Лидер УНР Симон Петлюра «пожертвовал» Западной Волынью и Восточной Галицией в пользу Польши, заключая сепаратный от галичан союз с Юзефом Пилсудским. Украинские правительства в изгнании грызлись между собой и искали тактических союзников среди врагов друг друга. А УВО грезила национальной революцией ...
Но самое интересное, что острие своего террора УВО направила не только против оккупационной в их понимании польской власти, но и против тех украинцев, которые пытались отстаивать свои национальные права политическими, парламентскими методами. Против тех украинцев и поляков, которые выступали за нормализацию и примирение. Вырисовывается такая картина, УВО, а позже ее правопреемница ОУН, всеми силами старались не допустить улучшения жизни украинцев и убивали всех поляков и украинцев, желающих вывести из тупика украинско-польские отношения. Поскольку положительное изменение политики польского государства означало бы потерю той, что греха таить, маргинальной политической силой опоры среди украинцев. Дошло до абсурда, когда едва не главным лозунгом у радикальных украинских националистов стал тезис: «чем хуже — тем лучше». Чем хуже жилось бы украинцам в Польше, тем быстрее, по мнению национальных радикалов, они созрели бы к националистической революции.
Покушения, убийства, грабежи, саботаж и террор, которые применили националистические боевики, тут же возвращались террором со стороны польского государства против украинского населения. Таким образом радикальная молодежь просто науськивала и без того неблагосклонных поляков на мирных украинцев, которых члены УВО-ОУН считали «хрунями». А «гречкосеев» и «свинопасов» тоталитарным елитаристам никогда не было жалко.

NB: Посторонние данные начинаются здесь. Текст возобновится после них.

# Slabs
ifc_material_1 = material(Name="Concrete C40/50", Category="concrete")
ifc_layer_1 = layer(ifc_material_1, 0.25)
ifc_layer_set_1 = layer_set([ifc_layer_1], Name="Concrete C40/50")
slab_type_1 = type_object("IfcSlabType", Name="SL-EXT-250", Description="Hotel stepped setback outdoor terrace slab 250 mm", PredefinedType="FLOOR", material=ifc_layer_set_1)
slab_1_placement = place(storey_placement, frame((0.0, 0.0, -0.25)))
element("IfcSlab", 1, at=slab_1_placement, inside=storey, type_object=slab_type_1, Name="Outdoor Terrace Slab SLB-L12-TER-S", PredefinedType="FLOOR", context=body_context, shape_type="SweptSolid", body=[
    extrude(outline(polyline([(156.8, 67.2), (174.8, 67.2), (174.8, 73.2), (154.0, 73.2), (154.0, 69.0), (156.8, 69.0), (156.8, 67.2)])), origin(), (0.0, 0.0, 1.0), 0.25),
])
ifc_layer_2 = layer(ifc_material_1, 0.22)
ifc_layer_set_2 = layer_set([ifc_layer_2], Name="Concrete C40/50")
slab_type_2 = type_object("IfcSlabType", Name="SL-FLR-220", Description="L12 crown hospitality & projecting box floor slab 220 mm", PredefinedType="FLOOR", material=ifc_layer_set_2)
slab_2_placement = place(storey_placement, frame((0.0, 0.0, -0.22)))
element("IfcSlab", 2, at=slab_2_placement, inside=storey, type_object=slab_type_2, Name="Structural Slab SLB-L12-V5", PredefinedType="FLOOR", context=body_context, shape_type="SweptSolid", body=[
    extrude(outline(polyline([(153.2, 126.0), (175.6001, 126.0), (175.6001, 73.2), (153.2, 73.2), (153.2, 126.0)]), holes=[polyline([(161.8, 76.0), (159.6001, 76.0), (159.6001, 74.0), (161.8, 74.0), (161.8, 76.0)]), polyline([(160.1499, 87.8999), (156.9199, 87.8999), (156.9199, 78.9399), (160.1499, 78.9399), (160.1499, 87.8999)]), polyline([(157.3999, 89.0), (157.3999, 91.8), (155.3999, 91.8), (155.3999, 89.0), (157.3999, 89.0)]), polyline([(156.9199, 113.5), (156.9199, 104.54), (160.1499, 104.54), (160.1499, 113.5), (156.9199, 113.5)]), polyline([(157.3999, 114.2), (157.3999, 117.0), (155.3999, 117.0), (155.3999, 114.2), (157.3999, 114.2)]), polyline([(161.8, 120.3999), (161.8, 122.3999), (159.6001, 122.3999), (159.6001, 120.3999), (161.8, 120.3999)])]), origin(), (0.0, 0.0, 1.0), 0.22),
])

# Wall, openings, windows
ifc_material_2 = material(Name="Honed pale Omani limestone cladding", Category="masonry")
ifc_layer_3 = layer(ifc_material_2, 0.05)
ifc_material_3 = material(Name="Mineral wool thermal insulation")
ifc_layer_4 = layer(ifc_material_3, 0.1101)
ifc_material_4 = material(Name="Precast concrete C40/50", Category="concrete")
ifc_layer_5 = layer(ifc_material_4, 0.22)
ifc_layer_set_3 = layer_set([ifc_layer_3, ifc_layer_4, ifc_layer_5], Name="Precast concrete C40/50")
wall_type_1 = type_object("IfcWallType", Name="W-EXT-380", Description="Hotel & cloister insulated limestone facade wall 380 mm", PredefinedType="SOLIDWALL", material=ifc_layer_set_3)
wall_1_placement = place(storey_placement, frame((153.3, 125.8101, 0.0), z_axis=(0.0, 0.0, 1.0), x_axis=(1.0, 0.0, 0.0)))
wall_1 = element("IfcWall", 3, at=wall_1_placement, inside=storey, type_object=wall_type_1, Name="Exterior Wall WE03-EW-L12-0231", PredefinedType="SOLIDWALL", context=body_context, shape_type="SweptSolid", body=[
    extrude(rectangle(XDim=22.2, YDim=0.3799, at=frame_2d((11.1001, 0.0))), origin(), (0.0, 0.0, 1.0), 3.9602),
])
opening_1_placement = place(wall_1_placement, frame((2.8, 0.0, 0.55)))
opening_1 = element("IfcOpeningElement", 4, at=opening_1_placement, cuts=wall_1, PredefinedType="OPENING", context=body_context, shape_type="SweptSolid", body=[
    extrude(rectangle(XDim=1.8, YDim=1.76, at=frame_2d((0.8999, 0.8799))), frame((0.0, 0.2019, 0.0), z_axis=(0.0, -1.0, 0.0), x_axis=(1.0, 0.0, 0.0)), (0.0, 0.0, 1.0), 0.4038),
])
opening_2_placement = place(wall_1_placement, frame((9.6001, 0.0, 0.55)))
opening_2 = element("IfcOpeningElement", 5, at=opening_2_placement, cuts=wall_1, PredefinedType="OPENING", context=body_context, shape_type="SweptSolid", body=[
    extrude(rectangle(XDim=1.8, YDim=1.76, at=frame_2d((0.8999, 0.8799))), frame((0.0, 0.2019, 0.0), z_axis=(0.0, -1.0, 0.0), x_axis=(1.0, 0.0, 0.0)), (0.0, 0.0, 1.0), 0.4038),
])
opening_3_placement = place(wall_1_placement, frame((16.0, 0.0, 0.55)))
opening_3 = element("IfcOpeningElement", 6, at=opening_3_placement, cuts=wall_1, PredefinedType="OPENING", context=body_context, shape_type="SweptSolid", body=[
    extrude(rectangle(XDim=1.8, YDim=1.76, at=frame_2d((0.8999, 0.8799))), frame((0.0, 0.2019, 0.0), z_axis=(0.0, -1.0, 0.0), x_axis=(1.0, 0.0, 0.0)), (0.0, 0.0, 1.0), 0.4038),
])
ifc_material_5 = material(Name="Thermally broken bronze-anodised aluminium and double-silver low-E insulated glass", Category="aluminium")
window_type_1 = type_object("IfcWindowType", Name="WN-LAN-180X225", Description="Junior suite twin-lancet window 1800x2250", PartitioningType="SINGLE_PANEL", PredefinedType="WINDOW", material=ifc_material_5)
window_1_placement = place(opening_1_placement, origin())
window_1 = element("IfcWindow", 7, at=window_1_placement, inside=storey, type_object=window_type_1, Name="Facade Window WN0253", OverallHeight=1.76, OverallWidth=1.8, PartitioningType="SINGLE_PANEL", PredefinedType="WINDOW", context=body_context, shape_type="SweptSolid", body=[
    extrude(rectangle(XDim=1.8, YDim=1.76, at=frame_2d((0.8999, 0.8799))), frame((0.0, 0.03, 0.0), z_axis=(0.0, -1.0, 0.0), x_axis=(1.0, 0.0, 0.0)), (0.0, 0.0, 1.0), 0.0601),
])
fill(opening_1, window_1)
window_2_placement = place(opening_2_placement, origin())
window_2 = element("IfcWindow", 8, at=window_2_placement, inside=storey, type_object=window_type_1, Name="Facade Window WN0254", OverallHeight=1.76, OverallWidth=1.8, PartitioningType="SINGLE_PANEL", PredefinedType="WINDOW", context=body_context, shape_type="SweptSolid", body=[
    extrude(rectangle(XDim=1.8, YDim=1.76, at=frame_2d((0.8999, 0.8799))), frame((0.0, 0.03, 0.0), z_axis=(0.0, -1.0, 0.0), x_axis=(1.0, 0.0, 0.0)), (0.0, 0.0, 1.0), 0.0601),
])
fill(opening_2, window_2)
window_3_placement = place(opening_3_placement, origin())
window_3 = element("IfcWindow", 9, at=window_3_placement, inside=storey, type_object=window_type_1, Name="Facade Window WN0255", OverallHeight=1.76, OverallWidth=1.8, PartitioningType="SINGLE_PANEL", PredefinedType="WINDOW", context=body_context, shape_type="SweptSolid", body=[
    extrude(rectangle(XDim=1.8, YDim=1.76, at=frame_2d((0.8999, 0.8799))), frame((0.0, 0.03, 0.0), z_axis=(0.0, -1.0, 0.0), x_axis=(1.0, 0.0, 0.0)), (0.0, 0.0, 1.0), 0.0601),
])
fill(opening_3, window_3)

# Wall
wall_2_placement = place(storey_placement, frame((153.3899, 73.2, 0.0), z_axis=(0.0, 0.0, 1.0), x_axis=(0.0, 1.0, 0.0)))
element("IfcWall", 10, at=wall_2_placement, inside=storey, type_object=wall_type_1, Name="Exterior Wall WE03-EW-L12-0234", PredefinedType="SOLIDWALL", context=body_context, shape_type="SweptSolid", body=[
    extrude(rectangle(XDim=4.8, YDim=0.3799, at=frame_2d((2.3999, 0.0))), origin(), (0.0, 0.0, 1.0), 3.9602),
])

Одни считали их перегноем для настоящих героев, другие придерживались принципа «бабы еще нарожают».
Что тут скажешь? Поэтому еще раз стоит повторить: если бы история УВО-ОУН была просто описана в исторических учебниках как один из многих эпизодов, то в этом не было бы ничего плохого. Но ... Современные создатели памяти явочно (через государственный закон) обязывают нас любить и уважать этих националистических героев. Мало того, этих героев раздувают до общенационального масштаба, по которым меркнут те, кто больше присоединился к развитию украинской национальной жизни.
Мораль – никто никуда не придет и никакого порядка не наведет, ибо все они померли уже и идеи ихние с ними.